Semi-surrogate modelling of droplets evaporation process via XGBoost integrated CFD simulations

• Published in: The Science of the total environment Vol. 895; p. 164968
• Main Authors: Yan, Yihuan, Li, Xueren, Sun, Weijie, Fang, Xiang, He, Fajiang, Tu, Jiyuan
• Format: Journal Article
• Language: English
• Published: Netherlands Elsevier B.V 15.10.2023
• Subjects: algorithms; CFD; data collection; droplets; Droplets evaporation; environment; evaporation; eXtreme gradient boosting (XGB); humidity; prediction; Semi-surrogate model; Supervised machine learning algorithm; temperature; CFD; ANN; DNN; AI; Supervised machine learning algorithm; Droplets evaporation; RANS; XGB; Semi-surrogate model; RH; UDF; eXtreme gradient boosting (XGB); ML
• ISSN: 0048-9697; 1879-1026; 1879-1026
• DOI: 10.1016/j.scitotenv.2023.164968

The applications of machine learning (ML) based approach are emerging as possible tools to accelerate CFD simulations.
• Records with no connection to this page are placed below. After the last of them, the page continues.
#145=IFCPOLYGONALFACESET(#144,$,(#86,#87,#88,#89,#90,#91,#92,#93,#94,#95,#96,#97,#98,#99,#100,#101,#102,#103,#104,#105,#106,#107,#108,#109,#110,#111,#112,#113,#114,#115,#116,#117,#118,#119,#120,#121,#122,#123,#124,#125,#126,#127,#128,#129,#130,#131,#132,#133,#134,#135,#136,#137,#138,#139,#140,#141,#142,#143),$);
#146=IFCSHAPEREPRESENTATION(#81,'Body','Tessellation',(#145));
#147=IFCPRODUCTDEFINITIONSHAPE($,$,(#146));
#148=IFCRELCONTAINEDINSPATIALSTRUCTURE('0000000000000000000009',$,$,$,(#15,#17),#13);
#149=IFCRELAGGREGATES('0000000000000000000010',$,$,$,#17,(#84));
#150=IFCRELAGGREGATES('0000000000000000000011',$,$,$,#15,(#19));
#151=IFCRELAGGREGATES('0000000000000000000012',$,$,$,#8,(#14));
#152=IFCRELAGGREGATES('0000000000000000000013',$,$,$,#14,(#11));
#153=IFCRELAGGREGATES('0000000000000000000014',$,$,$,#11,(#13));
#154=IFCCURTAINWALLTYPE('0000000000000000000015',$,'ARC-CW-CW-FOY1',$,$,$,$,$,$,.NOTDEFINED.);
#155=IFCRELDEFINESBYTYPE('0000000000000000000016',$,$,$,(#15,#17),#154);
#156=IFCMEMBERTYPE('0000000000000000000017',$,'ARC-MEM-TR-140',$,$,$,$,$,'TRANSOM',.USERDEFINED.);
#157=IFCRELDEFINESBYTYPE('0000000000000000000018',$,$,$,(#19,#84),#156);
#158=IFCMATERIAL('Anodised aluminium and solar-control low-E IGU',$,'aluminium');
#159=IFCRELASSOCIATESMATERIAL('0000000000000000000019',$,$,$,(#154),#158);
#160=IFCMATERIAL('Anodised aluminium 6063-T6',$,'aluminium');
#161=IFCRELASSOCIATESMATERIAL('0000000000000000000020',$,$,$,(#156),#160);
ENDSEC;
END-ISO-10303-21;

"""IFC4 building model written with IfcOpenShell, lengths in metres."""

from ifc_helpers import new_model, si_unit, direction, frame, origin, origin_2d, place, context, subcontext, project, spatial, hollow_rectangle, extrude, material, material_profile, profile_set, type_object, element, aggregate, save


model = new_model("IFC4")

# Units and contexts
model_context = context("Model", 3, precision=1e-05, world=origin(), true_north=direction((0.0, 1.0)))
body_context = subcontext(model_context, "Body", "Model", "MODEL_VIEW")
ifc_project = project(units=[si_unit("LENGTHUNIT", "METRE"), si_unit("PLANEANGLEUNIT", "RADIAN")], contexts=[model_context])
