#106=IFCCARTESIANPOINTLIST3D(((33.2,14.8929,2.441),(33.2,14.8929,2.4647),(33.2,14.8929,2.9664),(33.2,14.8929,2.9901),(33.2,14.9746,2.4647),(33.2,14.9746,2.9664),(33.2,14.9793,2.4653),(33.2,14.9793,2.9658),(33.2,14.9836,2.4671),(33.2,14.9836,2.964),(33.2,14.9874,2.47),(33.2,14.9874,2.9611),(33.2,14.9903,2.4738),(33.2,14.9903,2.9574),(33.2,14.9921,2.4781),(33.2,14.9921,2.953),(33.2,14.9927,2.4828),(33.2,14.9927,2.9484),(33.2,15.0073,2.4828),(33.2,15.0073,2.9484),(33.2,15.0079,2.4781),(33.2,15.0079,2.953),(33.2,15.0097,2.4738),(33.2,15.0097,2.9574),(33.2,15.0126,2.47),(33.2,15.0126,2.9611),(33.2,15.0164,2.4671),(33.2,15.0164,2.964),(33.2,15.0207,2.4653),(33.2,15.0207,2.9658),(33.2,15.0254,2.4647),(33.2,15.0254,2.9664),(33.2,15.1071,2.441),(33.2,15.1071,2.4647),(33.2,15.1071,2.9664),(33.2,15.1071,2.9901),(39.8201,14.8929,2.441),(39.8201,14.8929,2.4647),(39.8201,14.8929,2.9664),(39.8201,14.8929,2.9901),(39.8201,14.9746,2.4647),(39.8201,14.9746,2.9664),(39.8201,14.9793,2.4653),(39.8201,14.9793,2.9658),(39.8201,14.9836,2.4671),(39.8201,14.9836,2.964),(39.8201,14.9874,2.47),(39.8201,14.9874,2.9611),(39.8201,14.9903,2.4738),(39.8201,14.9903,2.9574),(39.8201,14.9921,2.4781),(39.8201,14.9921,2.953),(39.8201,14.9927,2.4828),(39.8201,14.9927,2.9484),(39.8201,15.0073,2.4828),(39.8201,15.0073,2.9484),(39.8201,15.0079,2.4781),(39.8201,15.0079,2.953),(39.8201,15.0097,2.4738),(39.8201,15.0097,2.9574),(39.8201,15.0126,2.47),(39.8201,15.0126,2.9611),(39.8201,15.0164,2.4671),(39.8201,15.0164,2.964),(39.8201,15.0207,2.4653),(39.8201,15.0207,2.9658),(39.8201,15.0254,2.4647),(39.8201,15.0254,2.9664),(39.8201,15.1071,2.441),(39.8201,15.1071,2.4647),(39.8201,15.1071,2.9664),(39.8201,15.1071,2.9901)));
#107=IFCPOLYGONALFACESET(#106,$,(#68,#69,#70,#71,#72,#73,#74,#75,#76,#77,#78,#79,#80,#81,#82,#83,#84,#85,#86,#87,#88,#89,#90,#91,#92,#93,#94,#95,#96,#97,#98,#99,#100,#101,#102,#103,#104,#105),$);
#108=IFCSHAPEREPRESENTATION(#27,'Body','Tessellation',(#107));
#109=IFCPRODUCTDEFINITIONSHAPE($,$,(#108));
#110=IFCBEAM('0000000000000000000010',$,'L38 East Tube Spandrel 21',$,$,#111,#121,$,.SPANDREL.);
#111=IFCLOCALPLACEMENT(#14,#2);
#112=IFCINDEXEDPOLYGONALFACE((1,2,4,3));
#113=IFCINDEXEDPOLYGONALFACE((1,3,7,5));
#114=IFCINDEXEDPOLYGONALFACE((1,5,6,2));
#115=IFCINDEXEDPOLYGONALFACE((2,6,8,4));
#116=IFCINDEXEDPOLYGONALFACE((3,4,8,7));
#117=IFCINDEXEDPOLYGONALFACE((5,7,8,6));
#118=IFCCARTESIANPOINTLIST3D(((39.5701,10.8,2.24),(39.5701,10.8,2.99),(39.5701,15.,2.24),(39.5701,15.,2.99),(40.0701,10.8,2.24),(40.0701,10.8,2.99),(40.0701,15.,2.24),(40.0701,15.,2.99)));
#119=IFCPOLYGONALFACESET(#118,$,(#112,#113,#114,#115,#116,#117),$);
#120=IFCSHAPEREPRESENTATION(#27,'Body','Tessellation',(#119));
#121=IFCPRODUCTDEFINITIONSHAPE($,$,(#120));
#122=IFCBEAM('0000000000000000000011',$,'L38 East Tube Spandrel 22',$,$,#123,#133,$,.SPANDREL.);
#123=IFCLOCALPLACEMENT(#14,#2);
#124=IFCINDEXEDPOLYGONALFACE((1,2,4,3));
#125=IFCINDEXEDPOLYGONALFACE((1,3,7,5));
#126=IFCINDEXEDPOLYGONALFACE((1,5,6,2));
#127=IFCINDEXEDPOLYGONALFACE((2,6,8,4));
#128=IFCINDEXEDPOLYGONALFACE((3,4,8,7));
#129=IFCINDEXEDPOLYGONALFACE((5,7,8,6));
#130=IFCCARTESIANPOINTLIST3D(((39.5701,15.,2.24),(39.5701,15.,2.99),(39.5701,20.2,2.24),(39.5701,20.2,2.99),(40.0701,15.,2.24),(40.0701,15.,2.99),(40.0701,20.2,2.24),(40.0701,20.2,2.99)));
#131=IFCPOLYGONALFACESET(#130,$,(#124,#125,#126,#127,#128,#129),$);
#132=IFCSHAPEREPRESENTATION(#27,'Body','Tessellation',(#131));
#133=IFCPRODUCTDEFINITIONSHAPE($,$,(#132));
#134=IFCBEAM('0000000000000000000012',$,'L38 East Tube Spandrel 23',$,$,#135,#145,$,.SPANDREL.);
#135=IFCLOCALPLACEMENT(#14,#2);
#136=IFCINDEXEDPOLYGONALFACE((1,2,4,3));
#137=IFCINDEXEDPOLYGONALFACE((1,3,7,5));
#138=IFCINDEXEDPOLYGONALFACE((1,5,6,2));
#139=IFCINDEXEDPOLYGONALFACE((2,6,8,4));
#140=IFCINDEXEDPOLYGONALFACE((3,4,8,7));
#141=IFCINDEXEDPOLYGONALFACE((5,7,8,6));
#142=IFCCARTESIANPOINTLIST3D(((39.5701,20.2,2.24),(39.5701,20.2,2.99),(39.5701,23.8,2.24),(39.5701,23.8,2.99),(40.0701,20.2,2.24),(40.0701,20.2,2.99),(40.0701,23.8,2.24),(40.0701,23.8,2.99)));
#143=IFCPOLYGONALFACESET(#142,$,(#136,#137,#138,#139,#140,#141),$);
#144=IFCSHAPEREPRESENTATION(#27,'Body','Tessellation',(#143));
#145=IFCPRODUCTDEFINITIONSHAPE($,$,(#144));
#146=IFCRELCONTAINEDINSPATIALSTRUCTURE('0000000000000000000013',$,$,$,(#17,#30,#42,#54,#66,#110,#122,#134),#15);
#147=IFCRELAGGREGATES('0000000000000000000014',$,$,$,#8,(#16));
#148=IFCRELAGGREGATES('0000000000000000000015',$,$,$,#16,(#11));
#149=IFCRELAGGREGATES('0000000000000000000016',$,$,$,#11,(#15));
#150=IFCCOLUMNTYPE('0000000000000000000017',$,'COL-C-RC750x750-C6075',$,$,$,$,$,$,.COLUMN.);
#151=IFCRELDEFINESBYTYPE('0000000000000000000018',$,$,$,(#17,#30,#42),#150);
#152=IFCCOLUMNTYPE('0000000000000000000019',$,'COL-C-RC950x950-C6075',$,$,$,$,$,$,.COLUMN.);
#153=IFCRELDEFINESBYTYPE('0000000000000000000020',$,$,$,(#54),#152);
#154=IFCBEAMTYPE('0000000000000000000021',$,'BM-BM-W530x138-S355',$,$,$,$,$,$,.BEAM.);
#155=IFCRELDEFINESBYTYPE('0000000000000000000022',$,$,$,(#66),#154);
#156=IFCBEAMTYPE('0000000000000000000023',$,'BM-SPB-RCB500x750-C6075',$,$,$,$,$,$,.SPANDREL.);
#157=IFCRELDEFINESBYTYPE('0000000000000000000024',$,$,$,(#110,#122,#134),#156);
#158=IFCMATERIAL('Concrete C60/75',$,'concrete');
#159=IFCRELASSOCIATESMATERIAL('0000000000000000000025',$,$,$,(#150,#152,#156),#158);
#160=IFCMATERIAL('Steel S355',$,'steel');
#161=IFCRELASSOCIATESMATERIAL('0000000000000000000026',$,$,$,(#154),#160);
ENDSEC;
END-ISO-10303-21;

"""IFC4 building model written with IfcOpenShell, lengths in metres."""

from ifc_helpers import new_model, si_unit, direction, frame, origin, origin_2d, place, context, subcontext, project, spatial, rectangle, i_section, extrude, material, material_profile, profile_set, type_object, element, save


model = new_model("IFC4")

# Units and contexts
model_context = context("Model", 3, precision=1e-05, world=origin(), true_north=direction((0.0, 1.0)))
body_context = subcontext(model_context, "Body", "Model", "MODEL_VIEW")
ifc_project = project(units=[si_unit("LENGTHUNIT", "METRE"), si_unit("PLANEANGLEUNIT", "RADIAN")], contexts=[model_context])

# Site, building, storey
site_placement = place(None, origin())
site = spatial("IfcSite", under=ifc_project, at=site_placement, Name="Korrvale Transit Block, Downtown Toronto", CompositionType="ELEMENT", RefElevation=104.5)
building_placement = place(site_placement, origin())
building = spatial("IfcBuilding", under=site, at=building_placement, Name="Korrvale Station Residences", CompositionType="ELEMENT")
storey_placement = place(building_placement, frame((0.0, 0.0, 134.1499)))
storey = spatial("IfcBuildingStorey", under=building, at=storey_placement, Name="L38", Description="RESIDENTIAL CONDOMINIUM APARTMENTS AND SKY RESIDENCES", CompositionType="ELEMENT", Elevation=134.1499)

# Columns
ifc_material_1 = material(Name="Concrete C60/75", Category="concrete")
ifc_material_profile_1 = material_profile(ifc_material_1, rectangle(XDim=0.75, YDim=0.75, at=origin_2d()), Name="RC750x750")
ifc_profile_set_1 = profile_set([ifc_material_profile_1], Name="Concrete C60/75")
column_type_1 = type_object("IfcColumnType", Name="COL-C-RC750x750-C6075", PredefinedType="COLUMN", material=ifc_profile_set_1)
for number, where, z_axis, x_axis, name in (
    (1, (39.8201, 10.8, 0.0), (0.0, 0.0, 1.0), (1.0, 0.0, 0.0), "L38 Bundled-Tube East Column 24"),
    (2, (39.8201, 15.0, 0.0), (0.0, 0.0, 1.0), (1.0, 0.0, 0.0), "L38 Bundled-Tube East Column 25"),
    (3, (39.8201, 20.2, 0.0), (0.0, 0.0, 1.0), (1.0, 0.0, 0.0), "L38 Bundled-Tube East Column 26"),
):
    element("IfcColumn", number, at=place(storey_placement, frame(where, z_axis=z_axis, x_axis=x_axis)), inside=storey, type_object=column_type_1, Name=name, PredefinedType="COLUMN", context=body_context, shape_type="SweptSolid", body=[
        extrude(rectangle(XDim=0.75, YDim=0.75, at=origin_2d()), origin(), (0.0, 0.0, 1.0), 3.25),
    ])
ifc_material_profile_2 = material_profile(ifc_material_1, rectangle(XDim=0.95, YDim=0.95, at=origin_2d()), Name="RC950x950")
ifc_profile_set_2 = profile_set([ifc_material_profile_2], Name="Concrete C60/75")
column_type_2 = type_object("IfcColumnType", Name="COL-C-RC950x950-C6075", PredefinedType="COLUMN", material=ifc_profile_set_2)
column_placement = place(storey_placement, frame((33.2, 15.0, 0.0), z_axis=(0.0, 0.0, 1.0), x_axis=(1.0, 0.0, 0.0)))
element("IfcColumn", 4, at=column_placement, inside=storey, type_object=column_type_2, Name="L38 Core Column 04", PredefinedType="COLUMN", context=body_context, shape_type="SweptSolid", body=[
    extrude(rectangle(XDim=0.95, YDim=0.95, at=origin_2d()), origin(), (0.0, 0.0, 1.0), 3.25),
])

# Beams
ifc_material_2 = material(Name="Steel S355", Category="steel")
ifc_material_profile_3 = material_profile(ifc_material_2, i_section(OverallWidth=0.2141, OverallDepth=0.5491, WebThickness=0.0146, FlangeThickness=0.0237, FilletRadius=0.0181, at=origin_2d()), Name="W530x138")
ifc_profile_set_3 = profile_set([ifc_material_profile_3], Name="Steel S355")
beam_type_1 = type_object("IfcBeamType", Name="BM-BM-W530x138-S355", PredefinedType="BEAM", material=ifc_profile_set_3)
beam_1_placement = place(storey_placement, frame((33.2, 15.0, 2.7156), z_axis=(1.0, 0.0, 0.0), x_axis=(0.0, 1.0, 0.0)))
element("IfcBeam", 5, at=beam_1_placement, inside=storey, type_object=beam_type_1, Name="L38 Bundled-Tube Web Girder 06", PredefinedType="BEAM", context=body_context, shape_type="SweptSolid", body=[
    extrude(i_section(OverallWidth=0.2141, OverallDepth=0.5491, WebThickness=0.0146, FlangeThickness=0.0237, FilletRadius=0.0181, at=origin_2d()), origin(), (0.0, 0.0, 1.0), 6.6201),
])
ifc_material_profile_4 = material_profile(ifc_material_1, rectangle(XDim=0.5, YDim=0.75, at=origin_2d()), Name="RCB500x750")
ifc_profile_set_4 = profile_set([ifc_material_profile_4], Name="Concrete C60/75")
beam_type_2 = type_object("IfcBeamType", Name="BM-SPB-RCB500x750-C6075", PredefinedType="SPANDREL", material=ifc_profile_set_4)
This study proposed a semi-surrogate model for CFD with integration of the cutting-edge ML algorithm, eXtreme Gradient Boosting (XGB), which enlightened a possible pathway to effectively and efficiently solve and predict those costly but highly repetitive fluid dynamics-related problems. Droplet evaporation, a complex but essential phenomenon in respiratory droplets transport, was studied as the practical case using the proposed model. Droplets evaporation and dynamic size distributions were firstly tracked under various combinations of indoor humidity and temperature using traditional Eulerian-Lagrangian CFD framework, followed by generating several datasets for XGB training. The trained XGB was then used to interpret the evaporated droplets size over time under new combinations of indoor conditions. Outcomes revealed that well-trained XGB-base semi-surrogate model was capable of interpreting complex non-linear relationships between droplets dynamic parameters (diameter and time) and indoor parameters (humidity and temperature). For each specific parameter, the predictive error of well-trained XGB could retain below 5 % and its prediction speed was found nearly 1 million times faster than that of new CFD simulations. Successful applications of XGB in conjunction with CFD demonstrated its great potential on providing rapid and more efficient predictions of complex, costly and repetitive fluid dynamics-related phenomenons (e.g. droplets evaporation). Also, the XGB predicted droplets evaporation data from this study could be further applied as initial conditions into new simulations via the User-defined function (UDF). [Display omitted] •A semi-surrogate model is developed via integrating XGBoost and CFD approach.•Droplet dynamic characteristic is properly predicted using the semisurrogate model.•Well-trained model is able to have less than 5 % errors in predicting specific data.•Using XGBoost on predicting droplet diameters is 1 million faster than using CFD.•Semi-surrogate model enables a cost-effective prediction of large-scale problems.